The research article on consumption of microplastics by larval fish that was reported for misconduct in research will be retracted from the journal Science. The researchers behind the study themselves requested to retract the article at the end of last week, following sharp criticism of the study in an opinion from the Central Ethical Review Board.
In their letter to the journal, the researchers explain their request to retract the article by stating that science has to rest on solid ground and that the results of their study, even if correct, will not be trusted as long as a suspicion of misconduct remains. For this reason, the researchers request to retract the published research article.
The article concerned was published in the journal Science at the beginning of June 2016. In conjunction with the publication, Uppsala University issued a press release about the study and the research attracted widespread media coverage both in Sweden and internationally.
In the article, the researchers described their discovery that fish at early stages of development change their behaviour and exhibit poorer growth if they have access to microplastic particles. They wrote that larval perch preferred microplastics to natural food sources such as zooplankton, leading to greatly increased mortality rates.

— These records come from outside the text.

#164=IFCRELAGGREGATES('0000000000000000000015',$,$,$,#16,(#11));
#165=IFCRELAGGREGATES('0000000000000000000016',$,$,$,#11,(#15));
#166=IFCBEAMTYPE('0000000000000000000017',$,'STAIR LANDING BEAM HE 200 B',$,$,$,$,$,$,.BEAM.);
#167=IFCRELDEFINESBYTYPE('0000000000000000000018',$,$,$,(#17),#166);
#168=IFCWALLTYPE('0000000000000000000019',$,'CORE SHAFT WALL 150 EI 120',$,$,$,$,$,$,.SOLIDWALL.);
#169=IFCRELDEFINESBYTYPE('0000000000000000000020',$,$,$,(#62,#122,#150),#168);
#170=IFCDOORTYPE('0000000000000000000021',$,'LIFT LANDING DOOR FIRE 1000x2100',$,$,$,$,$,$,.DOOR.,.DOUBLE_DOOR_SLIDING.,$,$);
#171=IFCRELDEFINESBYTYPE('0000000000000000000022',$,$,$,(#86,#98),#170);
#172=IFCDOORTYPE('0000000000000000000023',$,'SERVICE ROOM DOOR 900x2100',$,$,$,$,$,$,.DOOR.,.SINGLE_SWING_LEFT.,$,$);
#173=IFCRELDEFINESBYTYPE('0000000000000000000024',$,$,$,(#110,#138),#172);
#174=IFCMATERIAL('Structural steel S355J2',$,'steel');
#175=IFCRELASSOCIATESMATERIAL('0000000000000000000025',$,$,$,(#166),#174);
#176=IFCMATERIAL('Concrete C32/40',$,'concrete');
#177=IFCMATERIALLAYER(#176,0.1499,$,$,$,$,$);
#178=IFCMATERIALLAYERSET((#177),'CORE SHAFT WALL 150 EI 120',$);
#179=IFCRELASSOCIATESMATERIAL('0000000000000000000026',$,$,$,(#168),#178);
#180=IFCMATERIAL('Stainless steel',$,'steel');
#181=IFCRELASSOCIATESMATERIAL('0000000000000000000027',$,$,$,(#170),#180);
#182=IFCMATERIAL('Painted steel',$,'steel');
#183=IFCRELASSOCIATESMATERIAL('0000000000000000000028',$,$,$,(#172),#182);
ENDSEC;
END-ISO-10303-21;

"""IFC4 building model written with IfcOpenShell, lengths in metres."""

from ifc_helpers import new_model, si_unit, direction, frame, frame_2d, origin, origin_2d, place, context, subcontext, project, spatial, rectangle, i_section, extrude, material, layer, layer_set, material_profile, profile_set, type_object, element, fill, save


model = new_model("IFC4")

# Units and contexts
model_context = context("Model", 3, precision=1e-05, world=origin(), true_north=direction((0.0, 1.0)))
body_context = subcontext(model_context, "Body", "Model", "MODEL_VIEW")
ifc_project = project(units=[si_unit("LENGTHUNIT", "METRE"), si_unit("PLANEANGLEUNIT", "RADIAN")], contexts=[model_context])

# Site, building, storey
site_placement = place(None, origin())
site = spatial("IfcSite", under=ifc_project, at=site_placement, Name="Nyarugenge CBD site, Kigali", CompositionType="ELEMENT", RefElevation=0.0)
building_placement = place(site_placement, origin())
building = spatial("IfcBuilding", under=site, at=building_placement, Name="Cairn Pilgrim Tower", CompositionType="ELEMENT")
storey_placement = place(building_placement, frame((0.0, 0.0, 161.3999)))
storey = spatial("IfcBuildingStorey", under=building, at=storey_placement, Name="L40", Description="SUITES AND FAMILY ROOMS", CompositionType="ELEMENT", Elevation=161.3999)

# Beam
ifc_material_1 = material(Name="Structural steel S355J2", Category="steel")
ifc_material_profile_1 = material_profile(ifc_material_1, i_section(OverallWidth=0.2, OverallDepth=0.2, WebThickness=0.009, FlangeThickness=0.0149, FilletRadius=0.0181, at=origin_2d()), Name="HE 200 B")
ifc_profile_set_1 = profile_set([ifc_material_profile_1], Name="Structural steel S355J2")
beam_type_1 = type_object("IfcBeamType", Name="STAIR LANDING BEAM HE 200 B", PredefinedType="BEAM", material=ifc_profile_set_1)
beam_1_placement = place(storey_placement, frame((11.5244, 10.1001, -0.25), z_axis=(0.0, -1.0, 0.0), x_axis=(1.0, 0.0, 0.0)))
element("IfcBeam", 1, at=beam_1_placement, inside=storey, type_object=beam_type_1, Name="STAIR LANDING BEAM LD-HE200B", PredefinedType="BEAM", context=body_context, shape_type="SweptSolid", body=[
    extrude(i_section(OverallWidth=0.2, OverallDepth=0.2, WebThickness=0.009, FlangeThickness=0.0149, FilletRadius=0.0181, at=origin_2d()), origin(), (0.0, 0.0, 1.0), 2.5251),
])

The study was reported for misconduct by a group of researchers. Immediately after the allegation, the University initiated a preliminary investigation, in which an external group was commissioned to state its opinion on the matter in light of the University's internal regulations. At the same time the complaint was forwarded to the expert group for misconduct in research at the Central Ethical Review Board for an opinion.
The report from the external group of experts appointed by the University was completed in August 2016 and concluded that no misconduct could be established. The opinion of the Central Ethical Review Board was received on 28 April 2017. The opinion contains sharp criticism of the researchers. The Board also criticises Uppsala University for the preliminary investigation and the journal Science, which published the research.

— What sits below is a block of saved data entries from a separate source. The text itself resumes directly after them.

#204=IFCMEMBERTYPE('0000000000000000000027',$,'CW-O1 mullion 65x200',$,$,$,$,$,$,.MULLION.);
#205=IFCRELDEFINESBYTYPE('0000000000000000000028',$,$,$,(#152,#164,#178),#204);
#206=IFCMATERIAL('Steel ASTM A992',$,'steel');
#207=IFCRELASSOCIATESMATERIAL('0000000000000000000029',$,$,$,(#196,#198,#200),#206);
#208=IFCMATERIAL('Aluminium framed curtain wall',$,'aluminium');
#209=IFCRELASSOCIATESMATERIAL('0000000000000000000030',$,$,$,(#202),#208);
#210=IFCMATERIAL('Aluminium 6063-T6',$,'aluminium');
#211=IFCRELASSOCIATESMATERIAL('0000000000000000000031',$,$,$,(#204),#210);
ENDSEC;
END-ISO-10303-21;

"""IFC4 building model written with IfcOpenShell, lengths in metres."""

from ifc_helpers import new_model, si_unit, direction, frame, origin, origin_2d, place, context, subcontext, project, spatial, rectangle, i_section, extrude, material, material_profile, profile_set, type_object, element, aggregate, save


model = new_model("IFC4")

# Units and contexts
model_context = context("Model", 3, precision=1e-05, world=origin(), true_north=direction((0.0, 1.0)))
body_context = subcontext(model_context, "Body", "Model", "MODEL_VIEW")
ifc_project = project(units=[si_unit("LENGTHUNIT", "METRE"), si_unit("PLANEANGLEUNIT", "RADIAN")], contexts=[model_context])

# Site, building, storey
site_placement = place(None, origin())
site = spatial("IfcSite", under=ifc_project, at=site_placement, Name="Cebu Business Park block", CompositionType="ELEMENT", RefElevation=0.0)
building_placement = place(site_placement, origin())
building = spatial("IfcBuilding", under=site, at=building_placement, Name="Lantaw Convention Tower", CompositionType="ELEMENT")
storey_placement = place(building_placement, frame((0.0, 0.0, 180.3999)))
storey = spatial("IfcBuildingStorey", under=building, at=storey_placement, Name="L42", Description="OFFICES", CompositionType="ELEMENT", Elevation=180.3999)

The University will take both reports into account in its coming decision on the complaint of misconduct in research. The conclusions reached by the two reports differ, but they also proceed from different regulatory frameworks and cover different quantities of material, and the University will have to take this into account in its decision. One point on which the reports agree is that the data was inadequately backed up.
"We take what has happened very seriously. It may damage confidence in the University and in research. It is also very difficult for all those involved. We intend to thoroughly review all aspects of the case, but we cannot say at present exactly how we will go about this," says Johan Tysk, Vice-Rector of the Disciplinary Domain of Science and Technology at Uppsala University.